Since its 2010 merger with Ticketmaster, Live Nation allegedly violated its consent decree on five separate instances reported by the Department of Justice, sources tell Billboard.
According to the sources, these five instances took place when Ticketmaster attempted to renew a promoter or venue’s contract. Ticketmaster’s parent company Live Nation would reportedly withhold tours if the clients didn’t renew, allegedly using direct or indirect threats. These threats would be in violation of the consent decree that was put in place under the Obama administration, as the decree prohibits Ticketmaster officials from threatening or retaliating against venues.
While the five instances have not been revealed at this time, some could have been outlined in the New York Times article last year. The piece mentions a 2013 Matchbox Twenty Tour that skipped the Infinite Energy Center in Duluth, Georgia after the venue signed with AEG’s ticketing platform AXS. Live Nation coordinators reportedly told the building’s GM that they lost the date because of “three letters,” pointing at AXS. Additionally, another incidence could have involved the Los Angeles Football Club of Major League Soccer; the team switched from SeatGeek to Ticketmaster after one season.
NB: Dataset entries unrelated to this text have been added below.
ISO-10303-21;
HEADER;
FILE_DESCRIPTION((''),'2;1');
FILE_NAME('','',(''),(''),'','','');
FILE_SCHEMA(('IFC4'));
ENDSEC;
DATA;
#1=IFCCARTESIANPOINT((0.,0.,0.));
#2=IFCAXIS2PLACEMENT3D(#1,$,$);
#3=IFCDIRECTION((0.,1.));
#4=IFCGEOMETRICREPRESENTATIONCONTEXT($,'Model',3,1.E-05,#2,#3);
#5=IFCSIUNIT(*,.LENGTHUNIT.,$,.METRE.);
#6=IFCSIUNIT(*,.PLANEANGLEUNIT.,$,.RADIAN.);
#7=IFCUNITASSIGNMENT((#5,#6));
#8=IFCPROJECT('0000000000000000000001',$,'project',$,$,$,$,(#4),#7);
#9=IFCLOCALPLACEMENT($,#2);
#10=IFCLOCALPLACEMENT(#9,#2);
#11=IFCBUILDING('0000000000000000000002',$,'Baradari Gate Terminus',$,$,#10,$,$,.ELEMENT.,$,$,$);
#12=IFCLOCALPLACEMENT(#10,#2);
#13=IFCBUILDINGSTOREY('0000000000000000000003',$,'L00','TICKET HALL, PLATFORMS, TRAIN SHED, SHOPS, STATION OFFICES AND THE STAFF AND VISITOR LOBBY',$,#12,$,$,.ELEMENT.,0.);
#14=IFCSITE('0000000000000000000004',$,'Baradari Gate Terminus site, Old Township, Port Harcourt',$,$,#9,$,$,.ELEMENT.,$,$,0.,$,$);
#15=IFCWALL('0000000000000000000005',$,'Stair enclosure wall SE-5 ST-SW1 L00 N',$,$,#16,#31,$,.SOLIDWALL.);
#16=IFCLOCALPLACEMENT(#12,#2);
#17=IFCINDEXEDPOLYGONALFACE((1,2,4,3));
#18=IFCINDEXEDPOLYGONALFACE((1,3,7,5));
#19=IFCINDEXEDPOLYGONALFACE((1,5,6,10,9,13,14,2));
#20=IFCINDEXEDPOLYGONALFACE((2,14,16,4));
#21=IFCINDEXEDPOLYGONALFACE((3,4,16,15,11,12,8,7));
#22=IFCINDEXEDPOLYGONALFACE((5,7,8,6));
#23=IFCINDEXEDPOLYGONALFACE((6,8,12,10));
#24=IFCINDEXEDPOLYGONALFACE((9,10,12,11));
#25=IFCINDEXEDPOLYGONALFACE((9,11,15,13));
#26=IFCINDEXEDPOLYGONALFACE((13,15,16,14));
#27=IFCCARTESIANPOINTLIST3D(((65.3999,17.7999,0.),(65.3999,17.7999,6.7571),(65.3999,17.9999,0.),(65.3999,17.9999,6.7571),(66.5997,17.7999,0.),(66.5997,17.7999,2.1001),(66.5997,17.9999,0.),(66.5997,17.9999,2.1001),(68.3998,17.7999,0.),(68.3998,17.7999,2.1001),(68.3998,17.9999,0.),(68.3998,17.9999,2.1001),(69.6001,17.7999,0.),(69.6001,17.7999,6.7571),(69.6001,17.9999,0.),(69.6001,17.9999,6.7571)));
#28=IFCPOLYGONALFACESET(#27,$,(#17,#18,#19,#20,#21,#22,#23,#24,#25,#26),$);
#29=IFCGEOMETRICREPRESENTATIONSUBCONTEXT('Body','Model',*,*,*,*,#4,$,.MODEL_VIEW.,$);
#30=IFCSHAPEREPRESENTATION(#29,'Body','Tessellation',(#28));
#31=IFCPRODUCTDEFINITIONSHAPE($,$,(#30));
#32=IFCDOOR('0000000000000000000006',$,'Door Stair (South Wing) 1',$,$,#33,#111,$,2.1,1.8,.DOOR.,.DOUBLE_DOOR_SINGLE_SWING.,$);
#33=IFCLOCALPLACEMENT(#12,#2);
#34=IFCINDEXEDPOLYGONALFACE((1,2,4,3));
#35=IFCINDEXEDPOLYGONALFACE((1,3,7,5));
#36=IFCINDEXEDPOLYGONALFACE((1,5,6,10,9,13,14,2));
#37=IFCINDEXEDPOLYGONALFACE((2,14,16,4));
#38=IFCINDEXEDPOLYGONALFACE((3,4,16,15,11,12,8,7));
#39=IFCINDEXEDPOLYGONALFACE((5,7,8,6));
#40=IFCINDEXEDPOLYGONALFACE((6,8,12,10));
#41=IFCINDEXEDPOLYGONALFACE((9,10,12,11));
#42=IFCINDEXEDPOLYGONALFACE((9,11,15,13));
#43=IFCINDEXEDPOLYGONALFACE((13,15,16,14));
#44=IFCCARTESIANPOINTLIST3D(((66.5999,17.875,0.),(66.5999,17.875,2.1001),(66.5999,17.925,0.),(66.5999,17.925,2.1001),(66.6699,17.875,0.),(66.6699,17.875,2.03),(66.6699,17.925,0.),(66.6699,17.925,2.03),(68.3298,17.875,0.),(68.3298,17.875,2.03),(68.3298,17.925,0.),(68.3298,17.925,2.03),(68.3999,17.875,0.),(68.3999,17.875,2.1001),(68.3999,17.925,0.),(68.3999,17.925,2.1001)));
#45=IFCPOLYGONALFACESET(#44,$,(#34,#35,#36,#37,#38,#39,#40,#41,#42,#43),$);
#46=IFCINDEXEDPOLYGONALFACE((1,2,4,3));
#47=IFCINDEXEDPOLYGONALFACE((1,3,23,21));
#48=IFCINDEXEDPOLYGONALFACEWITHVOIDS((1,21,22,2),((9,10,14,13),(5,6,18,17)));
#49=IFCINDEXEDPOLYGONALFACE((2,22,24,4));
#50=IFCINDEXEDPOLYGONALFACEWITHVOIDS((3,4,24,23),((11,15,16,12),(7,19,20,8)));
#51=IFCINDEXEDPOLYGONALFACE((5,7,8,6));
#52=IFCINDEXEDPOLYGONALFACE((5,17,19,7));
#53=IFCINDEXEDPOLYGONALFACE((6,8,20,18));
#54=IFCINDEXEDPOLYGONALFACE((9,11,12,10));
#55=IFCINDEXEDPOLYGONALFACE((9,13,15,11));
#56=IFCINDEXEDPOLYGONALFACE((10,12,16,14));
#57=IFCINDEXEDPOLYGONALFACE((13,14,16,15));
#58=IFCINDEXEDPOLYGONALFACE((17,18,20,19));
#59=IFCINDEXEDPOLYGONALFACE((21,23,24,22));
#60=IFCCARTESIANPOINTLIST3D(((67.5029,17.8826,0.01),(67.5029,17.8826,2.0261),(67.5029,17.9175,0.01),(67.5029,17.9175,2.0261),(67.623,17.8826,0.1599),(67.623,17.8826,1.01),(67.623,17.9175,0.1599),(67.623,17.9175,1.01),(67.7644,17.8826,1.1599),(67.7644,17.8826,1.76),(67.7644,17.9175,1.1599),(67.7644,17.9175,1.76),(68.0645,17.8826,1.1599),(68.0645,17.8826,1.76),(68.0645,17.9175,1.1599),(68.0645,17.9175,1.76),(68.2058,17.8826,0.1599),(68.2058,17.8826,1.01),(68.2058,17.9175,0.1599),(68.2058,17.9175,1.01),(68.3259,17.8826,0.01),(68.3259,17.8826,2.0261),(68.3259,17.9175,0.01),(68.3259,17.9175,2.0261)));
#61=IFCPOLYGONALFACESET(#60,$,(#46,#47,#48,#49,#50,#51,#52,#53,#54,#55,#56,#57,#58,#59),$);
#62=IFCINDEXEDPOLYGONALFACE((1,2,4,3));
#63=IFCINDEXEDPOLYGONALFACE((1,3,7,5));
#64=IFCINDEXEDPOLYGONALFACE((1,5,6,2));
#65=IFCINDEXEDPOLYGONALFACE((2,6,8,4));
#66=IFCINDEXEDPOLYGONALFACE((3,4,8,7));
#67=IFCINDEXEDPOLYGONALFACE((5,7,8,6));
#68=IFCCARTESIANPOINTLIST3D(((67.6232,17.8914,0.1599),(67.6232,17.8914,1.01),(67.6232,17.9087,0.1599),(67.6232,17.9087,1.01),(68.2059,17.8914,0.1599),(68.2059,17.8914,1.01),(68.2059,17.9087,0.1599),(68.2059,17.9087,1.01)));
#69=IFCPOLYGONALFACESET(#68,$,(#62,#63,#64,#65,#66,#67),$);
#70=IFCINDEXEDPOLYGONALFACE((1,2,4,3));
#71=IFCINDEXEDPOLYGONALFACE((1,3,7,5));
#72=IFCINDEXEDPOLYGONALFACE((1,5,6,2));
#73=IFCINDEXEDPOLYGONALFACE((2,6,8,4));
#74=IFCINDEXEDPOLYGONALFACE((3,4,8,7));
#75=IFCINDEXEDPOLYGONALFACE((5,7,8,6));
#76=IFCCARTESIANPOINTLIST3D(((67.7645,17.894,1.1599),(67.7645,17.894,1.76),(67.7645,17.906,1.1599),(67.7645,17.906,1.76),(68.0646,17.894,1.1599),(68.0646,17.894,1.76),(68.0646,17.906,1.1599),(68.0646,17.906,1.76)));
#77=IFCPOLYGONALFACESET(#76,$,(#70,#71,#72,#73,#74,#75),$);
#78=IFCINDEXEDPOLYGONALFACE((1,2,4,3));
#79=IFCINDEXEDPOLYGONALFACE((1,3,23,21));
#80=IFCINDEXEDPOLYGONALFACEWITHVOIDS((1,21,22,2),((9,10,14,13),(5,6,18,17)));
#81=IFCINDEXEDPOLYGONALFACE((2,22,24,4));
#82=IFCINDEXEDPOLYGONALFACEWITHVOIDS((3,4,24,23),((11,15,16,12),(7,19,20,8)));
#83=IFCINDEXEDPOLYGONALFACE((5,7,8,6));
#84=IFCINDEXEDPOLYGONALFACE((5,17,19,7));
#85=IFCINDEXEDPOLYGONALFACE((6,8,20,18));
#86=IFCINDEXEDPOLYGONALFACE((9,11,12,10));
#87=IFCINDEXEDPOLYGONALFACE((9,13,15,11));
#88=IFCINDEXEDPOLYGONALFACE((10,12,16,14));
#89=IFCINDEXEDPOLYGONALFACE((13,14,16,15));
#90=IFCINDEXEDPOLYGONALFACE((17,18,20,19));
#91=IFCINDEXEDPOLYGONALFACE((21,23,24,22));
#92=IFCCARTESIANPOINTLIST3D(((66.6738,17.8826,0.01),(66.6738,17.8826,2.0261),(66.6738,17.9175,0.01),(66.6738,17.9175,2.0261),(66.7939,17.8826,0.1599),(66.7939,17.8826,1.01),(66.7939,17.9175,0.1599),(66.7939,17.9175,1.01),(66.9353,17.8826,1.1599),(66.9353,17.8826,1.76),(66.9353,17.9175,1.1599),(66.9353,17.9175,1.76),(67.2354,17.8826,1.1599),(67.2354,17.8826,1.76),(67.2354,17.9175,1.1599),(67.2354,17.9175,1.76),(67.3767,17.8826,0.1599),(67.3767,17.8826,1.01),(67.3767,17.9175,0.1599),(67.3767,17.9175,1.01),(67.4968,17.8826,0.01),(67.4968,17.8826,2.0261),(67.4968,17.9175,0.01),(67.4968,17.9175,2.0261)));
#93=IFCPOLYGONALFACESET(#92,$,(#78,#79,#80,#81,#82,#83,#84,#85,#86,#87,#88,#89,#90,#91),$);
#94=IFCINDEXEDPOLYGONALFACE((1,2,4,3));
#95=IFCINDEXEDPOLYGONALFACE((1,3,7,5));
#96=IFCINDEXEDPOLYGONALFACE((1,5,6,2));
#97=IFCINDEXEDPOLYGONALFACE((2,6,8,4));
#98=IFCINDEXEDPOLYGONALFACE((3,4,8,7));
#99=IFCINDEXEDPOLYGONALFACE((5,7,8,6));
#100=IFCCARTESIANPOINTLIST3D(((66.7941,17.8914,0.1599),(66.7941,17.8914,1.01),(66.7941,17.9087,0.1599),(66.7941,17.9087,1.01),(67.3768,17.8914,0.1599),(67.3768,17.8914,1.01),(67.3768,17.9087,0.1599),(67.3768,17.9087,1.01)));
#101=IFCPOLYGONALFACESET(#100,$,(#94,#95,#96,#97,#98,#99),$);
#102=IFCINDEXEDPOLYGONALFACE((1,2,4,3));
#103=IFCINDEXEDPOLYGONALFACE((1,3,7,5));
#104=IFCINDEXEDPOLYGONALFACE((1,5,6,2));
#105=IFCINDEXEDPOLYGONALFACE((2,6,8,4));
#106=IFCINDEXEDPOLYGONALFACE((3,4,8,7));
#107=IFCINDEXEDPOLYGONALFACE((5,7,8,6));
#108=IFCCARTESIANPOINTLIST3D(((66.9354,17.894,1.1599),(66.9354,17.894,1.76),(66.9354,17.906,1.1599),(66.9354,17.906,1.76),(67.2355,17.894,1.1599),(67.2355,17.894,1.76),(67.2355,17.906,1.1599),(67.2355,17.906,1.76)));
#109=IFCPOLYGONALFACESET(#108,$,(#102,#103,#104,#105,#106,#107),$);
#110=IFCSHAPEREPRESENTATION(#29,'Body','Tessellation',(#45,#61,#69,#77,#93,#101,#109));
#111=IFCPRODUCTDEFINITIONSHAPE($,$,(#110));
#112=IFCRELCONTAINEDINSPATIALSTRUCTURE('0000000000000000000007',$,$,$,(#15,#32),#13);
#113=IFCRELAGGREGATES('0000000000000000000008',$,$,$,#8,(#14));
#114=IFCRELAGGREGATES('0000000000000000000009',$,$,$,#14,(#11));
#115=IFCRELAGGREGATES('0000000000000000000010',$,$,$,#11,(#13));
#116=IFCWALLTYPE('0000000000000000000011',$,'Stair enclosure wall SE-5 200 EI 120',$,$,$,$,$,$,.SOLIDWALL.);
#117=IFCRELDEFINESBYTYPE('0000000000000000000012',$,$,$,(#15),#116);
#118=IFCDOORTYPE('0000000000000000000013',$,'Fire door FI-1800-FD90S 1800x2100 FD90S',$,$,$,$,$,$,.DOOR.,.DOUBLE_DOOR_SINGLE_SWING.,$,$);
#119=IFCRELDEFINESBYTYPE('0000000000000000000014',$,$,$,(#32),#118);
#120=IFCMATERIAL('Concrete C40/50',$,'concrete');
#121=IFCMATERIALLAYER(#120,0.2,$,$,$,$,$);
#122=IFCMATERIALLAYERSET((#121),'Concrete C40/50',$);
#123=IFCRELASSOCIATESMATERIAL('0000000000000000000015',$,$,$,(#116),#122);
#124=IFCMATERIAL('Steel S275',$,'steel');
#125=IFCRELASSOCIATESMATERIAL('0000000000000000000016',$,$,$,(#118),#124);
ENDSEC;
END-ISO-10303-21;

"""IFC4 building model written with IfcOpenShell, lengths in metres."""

from ifc_helpers import new_model, si_unit, direction, frame, frame_2d, origin, place, context, subcontext, project, spatial, polyline, rectangle, outline, extrude, material, layer, layer_set, type_object, element, fill, save


model = new_model("IFC4")

# Units and contexts
model_context = context("Model", 3, precision=1e-05, world=origin(), true_north=direction((0.0, 1.0)))
body_context = subcontext(model_context, "Body", "Model", "MODEL_VIEW")
ifc_project = project(units=[si_unit("LENGTHUNIT", "METRE"), si_unit("PLANEANGLEUNIT", "RADIAN")], contexts=[model_context])

# Site, building, storey
site_placement = place(None, origin())
site = spatial("IfcSite", under=ifc_project, at=site_placement, Name="Baradari Gate Terminus site, Old Township, Port Harcourt", CompositionType="ELEMENT", RefElevation=0.0)
building_placement = place(site_placement, origin())
building = spatial("IfcBuilding", under=site, at=building_placement, Name="Baradari Gate Terminus", CompositionType="ELEMENT")
storey_placement = place(building_placement, origin())
storey = spatial("IfcBuildingStorey", under=building, at=storey_placement, Name="L00", Description="TICKET HALL, PLATFORMS, TRAIN SHED, SHOPS, STATION OFFICES AND THE STAFF AND VISITOR LOBBY", CompositionType="ELEMENT", Elevation=0.0)

# Shared definitions
ifc_material_1 = material(Name="Concrete C40/50", Category="concrete")
ifc_layer_1 = layer(ifc_material_1, 0.2)
ifc_layer_set_1 = layer_set([ifc_layer_1], Name="Concrete C40/50")
wall_type_1 = type_object("IfcWallType", Name="Stair enclosure wall SE-5 200 EI 120", PredefinedType="SOLIDWALL", material=ifc_layer_set_1)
Sources told Billboard that competitors, like AEG Presents, have given up on trying to get the DOJ to take action against the ticketing giant, noting that language in the decree makes it easy for Live Nation to ensure that tours stop at Ticketmaster venues. If Live Nation promotes a show at a Ticketmaster venue, the company will make more money by charging exorbitant fees from its own ticketing system.
Already, the DOJ is looking into Ticketmaster’s anti-competitive practices that prevent fans and brokers from reselling tickets on other sites with no-transfer policies and scalping their own tickets. Now, officials from the DOJ are considering looking at the ticketing site’s business practices, following calls from senators Richard Blumenthal (D-NJ) and Amy Klobuchar (D-MN) over the past few months.
According to President Donald Trump’s appointed assistant attorney general for the DOJ’s antitrust division, Makan Delrahim, his department has been “examining allegations of violations” of the 2010 settlement, he noted at an oversight hearing this past September.